Vice President Todd Bright said the company could still pursue federal money to defray the cost – one of the selling points of the CFI was that $10.6 million in federal pollution mitigation funding had been promised.

The estimate would put the total cost of the Randall Road project with the conventional intersection at $66.4 million, not counting land acquisition. It was that cost, especially the unknown of how much land needed to be bought to add more lane miles, that prompted the opposing votes.

Committee members Nick Provenzano, R-McHenry, and Diane Evertsen, R-Harvard, cast the opposing votes, arguing the public should have more time to weigh in on the price tag and the County Board should have a more definitive estimate of the cost of buying the needed land. An estimate of $25 million that came earlier in the planning process is conservative, Bright conceded – his company is not tasked with acquiring the right-of-way.

“That’s a number we need to know, especially if we’re being expected to vote on this at our next meeting,” Provenzano said.

Several of the people who spoke during public comment at the start of the meeting also asked for a delay in the vote so the public can have more time to digest the figures.

Provenzano and Evertsen were outnumbered by Miller and committee members Paula Yensen, D-Lake in the Hills, and Nick Chirikos, D-Algonquin.

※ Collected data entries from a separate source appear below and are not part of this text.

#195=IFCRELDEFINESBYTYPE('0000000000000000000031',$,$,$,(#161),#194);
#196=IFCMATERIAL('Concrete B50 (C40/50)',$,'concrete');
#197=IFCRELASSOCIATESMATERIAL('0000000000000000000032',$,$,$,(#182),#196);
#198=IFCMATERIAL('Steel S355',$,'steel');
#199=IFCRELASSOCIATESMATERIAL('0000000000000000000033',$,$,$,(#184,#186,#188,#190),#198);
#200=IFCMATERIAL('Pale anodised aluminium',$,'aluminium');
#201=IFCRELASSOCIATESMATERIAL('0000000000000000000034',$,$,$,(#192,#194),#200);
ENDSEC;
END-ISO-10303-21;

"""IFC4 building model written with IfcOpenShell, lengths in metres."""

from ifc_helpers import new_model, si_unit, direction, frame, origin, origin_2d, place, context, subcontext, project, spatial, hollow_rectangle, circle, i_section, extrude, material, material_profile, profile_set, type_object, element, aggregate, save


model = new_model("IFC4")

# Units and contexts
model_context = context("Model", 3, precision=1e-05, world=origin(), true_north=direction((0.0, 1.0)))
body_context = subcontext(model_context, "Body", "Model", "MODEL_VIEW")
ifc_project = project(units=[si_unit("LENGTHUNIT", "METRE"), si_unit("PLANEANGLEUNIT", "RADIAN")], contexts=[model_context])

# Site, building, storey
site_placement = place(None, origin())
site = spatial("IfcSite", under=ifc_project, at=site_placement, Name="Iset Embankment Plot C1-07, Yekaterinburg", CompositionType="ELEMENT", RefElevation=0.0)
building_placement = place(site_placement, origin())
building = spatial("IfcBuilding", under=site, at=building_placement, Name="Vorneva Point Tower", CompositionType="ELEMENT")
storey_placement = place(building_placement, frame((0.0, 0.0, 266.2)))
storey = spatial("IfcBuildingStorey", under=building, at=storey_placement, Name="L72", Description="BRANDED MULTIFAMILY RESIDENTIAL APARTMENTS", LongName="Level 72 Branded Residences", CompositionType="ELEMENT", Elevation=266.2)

Yensen and Chirikos, the two Democrats on the 24-member County Board, also happen to be the only two members on the committee who are running for re-election in November. Member Sandra Fay Salgado, R-McHenry, was absent, and member Ken Koehler, R-Crystal Lake, listened to the presentation by phone and did not cast a vote.

Provenzano and Evertsen made a failed motion to delay the vote on the project another two weeks, and failed to garner the votes to add a statement estimating the total cost including land acquisition between $96 million and $101 million.

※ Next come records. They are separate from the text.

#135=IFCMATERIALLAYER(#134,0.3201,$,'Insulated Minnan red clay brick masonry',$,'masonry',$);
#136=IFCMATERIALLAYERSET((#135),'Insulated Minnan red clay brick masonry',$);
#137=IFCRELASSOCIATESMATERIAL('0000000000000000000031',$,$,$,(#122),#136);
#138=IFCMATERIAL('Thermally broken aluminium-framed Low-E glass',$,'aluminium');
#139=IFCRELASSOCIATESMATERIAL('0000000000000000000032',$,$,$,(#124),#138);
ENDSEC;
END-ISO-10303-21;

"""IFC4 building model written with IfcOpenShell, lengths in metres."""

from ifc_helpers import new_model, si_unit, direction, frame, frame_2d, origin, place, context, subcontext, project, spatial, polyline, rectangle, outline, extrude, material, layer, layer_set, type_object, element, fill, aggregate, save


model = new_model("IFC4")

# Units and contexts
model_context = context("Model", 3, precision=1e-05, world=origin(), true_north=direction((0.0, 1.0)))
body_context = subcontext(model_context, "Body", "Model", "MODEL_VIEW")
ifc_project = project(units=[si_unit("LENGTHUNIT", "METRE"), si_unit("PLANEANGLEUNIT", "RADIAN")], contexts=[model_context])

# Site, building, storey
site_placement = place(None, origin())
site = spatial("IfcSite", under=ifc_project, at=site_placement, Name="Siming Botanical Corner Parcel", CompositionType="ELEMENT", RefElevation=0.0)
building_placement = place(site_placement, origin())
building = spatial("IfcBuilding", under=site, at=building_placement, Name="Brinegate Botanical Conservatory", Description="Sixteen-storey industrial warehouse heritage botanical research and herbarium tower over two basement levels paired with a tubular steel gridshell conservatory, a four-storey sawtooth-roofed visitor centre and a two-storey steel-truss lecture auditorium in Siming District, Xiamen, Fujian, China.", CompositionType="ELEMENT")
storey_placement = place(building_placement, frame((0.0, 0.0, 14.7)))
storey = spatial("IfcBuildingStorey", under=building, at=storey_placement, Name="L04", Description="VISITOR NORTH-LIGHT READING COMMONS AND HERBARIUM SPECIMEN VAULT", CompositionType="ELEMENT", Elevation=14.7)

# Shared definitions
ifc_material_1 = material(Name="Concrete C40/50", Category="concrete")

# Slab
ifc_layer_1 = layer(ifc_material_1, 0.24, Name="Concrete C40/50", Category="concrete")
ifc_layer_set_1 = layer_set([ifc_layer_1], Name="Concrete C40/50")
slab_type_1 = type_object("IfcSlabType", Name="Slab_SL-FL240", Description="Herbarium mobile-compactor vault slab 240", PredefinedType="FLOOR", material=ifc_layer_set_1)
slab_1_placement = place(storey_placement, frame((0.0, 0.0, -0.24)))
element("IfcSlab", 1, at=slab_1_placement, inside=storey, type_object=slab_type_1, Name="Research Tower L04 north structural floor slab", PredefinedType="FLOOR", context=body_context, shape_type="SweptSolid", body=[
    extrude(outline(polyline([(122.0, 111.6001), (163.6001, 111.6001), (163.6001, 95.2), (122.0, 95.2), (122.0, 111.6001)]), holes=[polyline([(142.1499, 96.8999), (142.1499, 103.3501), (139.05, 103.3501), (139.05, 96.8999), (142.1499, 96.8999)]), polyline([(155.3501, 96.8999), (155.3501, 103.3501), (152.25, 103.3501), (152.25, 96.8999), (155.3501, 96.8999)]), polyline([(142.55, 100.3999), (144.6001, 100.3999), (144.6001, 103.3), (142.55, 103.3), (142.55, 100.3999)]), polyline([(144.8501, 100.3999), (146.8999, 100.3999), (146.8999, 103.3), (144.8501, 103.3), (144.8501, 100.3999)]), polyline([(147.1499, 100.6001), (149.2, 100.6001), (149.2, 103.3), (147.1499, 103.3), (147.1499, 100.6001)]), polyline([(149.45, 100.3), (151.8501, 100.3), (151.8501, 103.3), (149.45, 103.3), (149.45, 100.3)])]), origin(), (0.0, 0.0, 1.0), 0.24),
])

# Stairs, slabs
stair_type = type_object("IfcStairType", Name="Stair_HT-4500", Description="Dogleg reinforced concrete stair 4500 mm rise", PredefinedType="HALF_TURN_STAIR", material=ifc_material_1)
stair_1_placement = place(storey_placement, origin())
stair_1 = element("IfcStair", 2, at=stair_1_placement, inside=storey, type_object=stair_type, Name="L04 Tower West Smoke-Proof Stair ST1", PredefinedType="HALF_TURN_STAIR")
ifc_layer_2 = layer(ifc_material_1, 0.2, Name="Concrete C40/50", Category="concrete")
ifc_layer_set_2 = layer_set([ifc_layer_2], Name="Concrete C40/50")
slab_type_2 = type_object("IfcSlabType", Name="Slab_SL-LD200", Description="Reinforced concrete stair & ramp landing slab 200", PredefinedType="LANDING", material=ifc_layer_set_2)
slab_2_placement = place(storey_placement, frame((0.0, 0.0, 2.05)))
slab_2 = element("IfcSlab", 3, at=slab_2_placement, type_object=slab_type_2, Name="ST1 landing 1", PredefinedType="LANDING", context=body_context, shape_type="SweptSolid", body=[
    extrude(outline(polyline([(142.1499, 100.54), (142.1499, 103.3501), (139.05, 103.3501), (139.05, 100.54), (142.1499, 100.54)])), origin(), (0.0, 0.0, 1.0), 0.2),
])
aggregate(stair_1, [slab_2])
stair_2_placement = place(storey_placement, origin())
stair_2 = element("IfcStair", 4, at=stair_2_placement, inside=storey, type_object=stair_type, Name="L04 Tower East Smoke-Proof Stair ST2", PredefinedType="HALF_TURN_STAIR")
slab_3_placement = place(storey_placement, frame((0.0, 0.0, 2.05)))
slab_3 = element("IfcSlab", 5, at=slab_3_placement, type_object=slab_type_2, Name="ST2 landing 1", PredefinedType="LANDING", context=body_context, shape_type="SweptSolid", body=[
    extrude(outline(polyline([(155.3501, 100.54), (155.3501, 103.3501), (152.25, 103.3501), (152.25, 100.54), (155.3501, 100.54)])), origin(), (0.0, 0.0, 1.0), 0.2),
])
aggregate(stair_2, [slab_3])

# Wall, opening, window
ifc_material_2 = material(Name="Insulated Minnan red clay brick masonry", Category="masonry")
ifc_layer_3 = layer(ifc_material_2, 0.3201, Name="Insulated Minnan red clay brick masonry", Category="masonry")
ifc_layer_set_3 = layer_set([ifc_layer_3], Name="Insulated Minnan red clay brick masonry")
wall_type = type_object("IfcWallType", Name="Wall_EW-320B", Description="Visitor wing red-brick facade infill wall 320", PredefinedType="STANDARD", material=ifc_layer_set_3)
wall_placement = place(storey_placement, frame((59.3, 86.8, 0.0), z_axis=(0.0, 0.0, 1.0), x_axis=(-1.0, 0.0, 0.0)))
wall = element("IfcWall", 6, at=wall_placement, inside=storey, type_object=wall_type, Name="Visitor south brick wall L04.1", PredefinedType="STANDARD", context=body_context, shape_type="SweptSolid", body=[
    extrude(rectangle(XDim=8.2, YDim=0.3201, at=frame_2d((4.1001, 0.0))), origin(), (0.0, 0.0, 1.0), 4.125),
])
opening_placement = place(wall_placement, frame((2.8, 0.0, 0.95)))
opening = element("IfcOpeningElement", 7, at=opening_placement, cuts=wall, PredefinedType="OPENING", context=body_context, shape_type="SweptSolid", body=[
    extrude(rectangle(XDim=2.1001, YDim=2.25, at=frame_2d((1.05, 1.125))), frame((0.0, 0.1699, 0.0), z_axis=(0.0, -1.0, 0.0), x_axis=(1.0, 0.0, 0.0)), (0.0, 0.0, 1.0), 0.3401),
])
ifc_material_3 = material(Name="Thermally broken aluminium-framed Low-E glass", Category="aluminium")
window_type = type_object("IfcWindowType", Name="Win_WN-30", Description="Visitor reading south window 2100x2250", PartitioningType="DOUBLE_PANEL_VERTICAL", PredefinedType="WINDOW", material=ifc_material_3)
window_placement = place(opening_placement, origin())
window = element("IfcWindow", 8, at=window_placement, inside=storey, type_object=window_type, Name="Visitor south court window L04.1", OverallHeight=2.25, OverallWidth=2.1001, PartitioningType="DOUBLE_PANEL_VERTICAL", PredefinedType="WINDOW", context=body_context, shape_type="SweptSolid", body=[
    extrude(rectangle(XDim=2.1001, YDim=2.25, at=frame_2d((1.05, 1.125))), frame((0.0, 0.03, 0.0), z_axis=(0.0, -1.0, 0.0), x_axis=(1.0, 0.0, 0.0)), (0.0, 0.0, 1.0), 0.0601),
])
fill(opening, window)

The cost includes the $9.1 million contract with TranSystems to design the improvement, and a $1.75 million contract with Chicago-based Mathewson Right of Way Co. to acquire the needed land. The County Board approved both contracts earlier this year.

TranSystems also provided updated population projection numbers they conclude justify the need for the project. Critics of the CFI in recent years have pounced on the fact the original population growth projections dated back to before the bursting of the housing bubble and the Great Recession. The new projections, based on Chicago Metropolitan Agency for Planning estimates, put the county’s population at 513,517 by 2040, or an average of 1.7 percent increase a year.

But U.S. Census Bureau data released earlier this year concluded that McHenry County in fact lost population between 2010 and 2013.

In a separate move, a recess had to be taken so the committee’s legal counsel could examine Provenzano’s allegation that voting on the resolution, which contained blanks for the committee to fill in with whatever intersection option it chose, violated the Illinois Open Meetings Act. Assistant State’s Attorney Christina Webb concluded the vote was legal.

The County Board does not have to vote Sept. 16 on the Randall Road plan, and could choose to push it back. The board is tentatively scheduled to vote that evening on the proposed Unified Development Ordinance, but it is likely that vote will be pushed back to October.

How they voted

The McHenry County Board Transportation Committee voted Wednesday morning, 3-2, in favor of recommending a fix for the intersection of Randall and Algonquin roads that does not involve a continuous-flow intersection.

Voting yes were members Nick Chirikos, D-Algonquin, Paula Yensen, D-Lake in the Hills, and Chairwoman Anna May Miller, R-Cary.

Members Nick Provenzano, R-McHenry, and Diane Evertsen, R-Harvard, voted no.

Member Sandra Fay Salgado, R-McHenry, was absent. Ken Koehler, R-Crystal Lake, listened remotely to the presentation but did not cast a vote.